投稿日:2024.7.17/更新日:2024.10.22
セラノスティクス(Theranostics)は、治療(Therapy)と画像診断(Diagnostics)を組み合わせた新しい医療メソッドであり、プレシジョンメディシンの代表的な治療の一つです。特に近年注目されているのが前立腺がんに対するセラノティクスです。
前立腺がんに特徴的なタンパク質であるPSMAを標的にした「PSMA標的(放射線)治療」は、PSMAを持つがんの位置を特定し、その部位に放射性薬剤をピンポイントで届けることができる、セラノティクスを代表とする治療です。前立腺がん細胞をピンポイントに攻撃することができることから、前立腺がんに対する精密医療(プレシジョンメディシン)ということができます。
この治療法は、主に米国、オーストラリア、シンガポール、マレーシア、ドイツをはじめとする欧州で行われています。当グループでは、オーストラリアと連携してPSMA標的治療を提供しています。また現在、前立腺がんだけでなく、膵臓がんに対するセラノティクスの開発も進んでいます。

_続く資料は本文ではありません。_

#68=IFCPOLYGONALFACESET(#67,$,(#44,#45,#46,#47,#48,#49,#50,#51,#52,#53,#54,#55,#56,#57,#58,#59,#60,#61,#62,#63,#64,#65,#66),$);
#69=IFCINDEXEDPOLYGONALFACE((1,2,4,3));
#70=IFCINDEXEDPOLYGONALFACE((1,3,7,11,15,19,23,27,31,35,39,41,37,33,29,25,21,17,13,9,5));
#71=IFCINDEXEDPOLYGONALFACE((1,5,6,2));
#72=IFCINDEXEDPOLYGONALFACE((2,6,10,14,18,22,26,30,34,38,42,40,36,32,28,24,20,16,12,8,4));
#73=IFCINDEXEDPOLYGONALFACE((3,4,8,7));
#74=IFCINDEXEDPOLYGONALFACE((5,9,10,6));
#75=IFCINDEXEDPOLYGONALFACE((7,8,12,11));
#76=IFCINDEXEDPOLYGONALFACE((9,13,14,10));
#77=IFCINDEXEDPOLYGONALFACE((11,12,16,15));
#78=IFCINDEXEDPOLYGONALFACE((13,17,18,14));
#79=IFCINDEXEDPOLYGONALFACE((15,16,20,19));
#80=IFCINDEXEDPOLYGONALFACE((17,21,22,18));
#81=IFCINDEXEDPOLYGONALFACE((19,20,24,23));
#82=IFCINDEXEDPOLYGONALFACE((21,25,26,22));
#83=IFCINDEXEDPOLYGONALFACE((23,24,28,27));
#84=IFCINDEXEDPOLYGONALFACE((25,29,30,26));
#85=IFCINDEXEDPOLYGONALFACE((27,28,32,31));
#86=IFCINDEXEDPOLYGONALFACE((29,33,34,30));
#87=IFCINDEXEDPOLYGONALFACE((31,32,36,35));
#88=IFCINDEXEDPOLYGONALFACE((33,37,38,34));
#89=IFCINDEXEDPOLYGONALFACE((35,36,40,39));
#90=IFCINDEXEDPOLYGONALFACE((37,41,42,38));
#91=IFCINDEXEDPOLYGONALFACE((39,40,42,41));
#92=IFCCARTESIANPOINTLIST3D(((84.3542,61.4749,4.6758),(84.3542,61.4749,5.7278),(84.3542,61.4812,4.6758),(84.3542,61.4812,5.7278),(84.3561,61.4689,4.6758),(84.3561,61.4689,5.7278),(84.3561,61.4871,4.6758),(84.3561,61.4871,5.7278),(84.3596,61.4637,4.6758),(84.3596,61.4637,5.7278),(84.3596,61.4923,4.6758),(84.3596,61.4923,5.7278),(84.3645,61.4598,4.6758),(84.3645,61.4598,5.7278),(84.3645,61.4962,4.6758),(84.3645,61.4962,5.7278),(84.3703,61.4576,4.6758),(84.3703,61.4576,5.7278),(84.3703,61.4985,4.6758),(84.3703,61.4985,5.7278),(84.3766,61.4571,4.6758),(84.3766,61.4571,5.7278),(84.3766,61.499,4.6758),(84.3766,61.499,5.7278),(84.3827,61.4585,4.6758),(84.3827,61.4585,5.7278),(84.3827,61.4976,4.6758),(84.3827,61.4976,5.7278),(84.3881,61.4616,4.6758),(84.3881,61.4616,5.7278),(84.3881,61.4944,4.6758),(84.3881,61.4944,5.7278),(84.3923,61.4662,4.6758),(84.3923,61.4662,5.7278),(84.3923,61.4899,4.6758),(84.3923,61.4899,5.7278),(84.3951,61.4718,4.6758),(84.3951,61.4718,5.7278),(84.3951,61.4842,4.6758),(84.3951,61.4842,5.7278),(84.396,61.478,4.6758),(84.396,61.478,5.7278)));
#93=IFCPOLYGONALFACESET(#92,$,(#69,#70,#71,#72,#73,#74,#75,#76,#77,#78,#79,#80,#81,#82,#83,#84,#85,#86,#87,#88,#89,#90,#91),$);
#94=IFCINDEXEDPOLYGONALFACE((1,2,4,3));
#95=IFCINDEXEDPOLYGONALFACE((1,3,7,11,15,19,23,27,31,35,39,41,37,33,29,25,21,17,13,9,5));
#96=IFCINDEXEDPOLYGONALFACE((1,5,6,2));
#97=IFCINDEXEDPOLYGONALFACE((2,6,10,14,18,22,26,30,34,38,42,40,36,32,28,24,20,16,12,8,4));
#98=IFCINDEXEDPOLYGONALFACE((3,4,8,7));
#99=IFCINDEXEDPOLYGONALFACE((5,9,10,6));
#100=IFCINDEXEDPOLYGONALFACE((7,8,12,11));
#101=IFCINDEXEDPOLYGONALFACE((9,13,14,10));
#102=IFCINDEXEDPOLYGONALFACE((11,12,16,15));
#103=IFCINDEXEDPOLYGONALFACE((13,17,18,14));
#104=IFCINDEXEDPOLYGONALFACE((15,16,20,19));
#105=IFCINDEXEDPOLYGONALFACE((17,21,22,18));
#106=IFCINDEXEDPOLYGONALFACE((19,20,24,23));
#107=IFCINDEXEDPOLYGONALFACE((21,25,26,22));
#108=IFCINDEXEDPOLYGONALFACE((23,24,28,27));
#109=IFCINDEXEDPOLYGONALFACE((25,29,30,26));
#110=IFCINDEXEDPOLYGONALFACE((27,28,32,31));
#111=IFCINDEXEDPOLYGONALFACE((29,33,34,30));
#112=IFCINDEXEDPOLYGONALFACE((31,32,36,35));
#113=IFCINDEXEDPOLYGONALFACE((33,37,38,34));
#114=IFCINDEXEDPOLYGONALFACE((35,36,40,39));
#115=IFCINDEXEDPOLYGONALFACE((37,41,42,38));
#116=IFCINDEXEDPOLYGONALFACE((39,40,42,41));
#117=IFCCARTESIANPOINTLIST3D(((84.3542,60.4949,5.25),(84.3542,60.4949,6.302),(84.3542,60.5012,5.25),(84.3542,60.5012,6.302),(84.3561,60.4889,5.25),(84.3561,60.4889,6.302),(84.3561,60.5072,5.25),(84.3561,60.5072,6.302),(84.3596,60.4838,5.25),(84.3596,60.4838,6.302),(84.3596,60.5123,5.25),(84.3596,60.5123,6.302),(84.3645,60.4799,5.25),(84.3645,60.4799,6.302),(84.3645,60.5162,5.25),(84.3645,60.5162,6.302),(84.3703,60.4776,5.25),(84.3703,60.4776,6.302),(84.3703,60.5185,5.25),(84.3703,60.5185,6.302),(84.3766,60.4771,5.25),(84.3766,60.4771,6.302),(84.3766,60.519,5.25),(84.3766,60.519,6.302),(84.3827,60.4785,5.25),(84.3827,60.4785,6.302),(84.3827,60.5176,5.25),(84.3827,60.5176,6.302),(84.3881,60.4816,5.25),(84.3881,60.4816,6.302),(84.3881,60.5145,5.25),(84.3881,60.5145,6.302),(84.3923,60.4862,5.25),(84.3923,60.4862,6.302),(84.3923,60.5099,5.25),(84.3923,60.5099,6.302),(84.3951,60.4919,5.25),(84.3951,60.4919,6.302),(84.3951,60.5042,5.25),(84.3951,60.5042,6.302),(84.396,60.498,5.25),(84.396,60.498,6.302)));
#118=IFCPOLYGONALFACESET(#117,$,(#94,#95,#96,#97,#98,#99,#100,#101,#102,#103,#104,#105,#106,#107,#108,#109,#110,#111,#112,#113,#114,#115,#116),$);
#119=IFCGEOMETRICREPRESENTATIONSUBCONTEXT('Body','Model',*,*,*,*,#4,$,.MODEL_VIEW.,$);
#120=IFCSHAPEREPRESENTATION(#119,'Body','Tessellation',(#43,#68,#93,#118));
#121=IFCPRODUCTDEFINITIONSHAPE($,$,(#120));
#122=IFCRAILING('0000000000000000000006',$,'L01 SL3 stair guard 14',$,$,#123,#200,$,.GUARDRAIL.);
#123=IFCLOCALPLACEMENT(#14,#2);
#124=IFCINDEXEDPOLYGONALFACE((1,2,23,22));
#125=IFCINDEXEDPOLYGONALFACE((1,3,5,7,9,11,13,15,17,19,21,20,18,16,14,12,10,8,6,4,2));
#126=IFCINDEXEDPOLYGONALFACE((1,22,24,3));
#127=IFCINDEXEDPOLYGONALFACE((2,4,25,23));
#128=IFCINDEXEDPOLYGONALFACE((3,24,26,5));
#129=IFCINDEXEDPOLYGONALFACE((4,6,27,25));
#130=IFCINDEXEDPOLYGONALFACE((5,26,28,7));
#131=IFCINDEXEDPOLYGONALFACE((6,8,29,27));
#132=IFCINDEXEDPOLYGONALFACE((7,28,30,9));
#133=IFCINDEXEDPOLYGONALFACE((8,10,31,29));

前立腺がんの中には、標準治療に対して抵抗性を示すものがあります。これが「去勢抵抗性前立腺がん」と呼ばれるもので、標準治療後にも転移や進行が見られる場合、この治療法が選択肢の一つとなります。
PSMA標的治療は、前立腺がん細胞に多く発現するPSMAを標的にした治療法です。この治療では、PSMAを選択的に狙う低分子リガンドにルテチウム-177(ルテチウム-177 PSMA-617:LuPSMA)という放射性薬剤を結合させます。これにより、全身に転移した前立腺がんのみに高線量の放射線を正確に照射することが可能です。
視覚化可能: LuPSMAは低レベルのガンマ線を放出し、これを利用して核医学画像診断が可能です。これにより、PSA値に頼らず、治療効果やがんの状態をリアルタイムで確認できます。

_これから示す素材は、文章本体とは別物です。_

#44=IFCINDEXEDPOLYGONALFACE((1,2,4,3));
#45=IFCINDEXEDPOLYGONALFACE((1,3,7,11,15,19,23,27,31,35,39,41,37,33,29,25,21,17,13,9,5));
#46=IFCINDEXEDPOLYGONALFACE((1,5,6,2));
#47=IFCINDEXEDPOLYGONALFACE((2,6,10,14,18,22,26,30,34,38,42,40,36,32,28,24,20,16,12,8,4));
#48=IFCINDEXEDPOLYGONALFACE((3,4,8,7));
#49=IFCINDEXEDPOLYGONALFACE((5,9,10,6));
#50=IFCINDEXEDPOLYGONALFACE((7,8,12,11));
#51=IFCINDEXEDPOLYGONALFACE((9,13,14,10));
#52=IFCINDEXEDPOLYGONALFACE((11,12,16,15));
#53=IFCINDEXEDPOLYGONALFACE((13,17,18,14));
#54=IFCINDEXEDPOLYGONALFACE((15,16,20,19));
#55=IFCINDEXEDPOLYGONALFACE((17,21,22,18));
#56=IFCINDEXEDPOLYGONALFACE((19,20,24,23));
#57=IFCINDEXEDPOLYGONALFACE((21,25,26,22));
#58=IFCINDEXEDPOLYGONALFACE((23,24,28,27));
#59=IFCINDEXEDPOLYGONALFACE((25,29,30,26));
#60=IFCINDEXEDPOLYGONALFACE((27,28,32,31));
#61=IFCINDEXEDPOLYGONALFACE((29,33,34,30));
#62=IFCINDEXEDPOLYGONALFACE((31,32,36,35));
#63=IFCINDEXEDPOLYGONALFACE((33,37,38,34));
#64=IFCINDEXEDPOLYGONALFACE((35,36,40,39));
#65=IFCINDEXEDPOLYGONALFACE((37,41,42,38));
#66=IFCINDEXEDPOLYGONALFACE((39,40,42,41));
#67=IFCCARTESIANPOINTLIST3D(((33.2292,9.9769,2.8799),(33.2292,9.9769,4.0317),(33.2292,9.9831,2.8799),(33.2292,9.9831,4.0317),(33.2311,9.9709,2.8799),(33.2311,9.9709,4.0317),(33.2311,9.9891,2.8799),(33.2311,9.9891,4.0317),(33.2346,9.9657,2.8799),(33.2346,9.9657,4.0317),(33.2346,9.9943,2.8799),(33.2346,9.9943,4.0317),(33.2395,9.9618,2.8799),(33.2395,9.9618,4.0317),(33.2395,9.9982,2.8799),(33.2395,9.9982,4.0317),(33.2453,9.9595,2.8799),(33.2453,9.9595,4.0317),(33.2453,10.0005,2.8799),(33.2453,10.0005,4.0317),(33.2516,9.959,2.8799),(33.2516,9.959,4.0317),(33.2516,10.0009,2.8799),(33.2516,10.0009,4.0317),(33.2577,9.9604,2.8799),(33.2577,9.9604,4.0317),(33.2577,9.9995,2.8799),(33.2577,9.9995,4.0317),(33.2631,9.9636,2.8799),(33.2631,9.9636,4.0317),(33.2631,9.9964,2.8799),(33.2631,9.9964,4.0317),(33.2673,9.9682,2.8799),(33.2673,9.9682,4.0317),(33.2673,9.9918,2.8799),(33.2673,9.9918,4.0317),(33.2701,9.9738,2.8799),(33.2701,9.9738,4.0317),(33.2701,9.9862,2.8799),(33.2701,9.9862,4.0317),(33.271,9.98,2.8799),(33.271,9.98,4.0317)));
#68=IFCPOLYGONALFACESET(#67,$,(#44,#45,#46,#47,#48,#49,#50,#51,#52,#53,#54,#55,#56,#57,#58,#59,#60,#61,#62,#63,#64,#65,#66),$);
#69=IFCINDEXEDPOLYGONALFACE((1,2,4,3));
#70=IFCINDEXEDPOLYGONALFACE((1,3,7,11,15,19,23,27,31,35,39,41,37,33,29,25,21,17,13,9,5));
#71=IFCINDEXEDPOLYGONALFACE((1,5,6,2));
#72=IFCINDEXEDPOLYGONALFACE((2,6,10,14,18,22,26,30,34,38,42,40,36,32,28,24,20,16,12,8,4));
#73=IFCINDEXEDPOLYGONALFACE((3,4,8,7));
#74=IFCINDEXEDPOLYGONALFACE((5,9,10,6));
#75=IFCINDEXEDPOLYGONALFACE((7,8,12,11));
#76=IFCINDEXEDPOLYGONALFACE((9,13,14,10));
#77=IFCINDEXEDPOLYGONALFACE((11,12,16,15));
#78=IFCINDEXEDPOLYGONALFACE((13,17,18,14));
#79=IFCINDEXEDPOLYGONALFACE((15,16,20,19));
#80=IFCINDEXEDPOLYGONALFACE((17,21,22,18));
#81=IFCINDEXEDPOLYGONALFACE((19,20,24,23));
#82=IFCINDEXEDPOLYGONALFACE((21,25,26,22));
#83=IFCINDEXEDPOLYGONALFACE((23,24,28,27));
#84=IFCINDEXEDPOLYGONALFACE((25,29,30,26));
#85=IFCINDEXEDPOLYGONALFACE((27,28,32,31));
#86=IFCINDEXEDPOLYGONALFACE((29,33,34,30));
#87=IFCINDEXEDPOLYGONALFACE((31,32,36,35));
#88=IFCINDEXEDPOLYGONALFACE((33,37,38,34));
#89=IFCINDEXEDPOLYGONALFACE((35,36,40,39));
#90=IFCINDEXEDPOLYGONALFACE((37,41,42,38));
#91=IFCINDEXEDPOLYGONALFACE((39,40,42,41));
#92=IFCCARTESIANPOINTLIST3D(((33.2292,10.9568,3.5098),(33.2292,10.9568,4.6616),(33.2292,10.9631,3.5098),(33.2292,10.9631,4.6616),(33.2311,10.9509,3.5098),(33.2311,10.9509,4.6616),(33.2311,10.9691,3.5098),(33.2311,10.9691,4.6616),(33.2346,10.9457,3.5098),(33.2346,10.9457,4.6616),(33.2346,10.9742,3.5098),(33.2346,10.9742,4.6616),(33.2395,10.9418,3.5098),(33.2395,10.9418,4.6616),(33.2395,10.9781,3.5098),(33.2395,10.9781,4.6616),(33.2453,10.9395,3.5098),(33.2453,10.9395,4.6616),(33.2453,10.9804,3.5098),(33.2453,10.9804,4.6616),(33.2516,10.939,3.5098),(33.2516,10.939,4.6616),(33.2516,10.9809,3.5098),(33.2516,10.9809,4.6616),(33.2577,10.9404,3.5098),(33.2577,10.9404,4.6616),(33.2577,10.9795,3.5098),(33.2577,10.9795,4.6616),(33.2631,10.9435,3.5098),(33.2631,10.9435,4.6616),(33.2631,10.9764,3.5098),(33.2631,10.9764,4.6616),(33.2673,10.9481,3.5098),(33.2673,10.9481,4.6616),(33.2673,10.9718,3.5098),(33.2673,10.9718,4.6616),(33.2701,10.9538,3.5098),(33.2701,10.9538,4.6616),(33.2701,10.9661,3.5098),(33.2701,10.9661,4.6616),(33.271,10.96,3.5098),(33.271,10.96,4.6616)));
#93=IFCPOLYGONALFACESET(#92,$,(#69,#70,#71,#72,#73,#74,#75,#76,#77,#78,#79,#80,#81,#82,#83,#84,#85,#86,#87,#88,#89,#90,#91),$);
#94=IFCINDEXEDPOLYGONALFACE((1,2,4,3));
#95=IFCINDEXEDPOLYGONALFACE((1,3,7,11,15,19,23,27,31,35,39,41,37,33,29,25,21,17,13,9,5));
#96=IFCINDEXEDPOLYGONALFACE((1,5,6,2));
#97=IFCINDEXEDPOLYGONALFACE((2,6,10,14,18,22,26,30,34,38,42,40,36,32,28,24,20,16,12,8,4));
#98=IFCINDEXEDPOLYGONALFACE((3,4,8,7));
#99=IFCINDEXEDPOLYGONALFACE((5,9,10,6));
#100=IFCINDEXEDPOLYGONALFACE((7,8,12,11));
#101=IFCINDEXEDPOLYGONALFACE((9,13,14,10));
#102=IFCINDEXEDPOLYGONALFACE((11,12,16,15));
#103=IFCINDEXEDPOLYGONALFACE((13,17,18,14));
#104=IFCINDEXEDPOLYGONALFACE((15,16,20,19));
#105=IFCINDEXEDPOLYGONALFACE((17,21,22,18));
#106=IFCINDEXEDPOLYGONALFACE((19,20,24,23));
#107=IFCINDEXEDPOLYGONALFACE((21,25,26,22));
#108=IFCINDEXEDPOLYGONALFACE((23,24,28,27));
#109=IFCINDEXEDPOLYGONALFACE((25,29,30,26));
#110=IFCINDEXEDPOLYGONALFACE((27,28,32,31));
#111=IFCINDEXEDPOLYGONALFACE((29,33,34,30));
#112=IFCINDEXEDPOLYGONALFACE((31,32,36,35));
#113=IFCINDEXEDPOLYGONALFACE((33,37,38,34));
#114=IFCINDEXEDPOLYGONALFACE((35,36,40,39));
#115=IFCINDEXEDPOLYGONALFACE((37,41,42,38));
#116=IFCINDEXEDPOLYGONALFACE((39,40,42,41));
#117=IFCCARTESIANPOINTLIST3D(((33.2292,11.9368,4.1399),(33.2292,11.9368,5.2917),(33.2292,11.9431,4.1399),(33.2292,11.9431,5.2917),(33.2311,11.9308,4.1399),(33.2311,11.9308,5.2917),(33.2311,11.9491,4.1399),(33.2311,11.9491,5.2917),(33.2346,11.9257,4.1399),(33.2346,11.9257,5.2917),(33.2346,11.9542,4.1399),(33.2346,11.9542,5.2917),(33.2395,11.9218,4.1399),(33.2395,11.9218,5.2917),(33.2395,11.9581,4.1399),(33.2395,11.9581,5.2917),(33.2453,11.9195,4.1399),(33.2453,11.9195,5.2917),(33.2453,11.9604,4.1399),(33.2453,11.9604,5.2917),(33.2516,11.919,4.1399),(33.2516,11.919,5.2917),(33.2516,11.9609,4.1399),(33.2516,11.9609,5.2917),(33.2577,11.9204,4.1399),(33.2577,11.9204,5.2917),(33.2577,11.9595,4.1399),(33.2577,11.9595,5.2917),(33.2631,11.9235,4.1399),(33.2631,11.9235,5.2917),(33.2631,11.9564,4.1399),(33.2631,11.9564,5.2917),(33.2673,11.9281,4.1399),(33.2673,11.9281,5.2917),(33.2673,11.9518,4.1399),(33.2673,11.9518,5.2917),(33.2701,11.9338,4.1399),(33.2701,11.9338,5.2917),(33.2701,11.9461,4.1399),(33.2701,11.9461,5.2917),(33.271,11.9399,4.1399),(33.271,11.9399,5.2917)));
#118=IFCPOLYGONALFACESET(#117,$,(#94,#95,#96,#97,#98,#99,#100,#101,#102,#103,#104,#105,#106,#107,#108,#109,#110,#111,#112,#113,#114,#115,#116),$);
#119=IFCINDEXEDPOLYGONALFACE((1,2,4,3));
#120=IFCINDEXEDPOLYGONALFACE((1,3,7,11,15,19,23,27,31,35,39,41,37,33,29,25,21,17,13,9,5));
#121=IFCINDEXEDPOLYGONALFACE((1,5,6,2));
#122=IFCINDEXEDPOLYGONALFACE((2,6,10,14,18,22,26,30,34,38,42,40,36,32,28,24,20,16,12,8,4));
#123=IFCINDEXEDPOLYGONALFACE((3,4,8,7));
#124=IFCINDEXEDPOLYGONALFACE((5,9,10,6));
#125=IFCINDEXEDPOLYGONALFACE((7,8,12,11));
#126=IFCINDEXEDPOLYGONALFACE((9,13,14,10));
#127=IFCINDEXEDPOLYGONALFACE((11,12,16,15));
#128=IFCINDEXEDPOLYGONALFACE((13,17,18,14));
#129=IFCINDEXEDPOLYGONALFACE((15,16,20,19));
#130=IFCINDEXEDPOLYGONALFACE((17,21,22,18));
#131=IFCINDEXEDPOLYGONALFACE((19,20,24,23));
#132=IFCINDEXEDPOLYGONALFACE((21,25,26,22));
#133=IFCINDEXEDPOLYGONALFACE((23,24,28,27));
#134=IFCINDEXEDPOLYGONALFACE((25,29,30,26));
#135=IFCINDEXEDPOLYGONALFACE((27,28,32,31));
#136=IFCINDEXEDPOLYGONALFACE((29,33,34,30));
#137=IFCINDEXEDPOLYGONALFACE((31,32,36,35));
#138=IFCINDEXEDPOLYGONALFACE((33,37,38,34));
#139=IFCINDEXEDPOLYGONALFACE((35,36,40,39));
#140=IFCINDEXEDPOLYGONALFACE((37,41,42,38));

治療効果の随時判断: 画像診断により、治療の効果を随時判断できるため、適切な治療計画を立てることができます。
非侵襲的な治療: PSMA標的治療は、静脈に薬剤(LuPSMA)を注射し、がん細胞に集まった薬剤が放射線を放出することで治療を行います。この治療は、点滴のルートから薬剤を投与するだけなので、体への侵襲が少なく、体力のない患者にも比較的受けやすい療法です。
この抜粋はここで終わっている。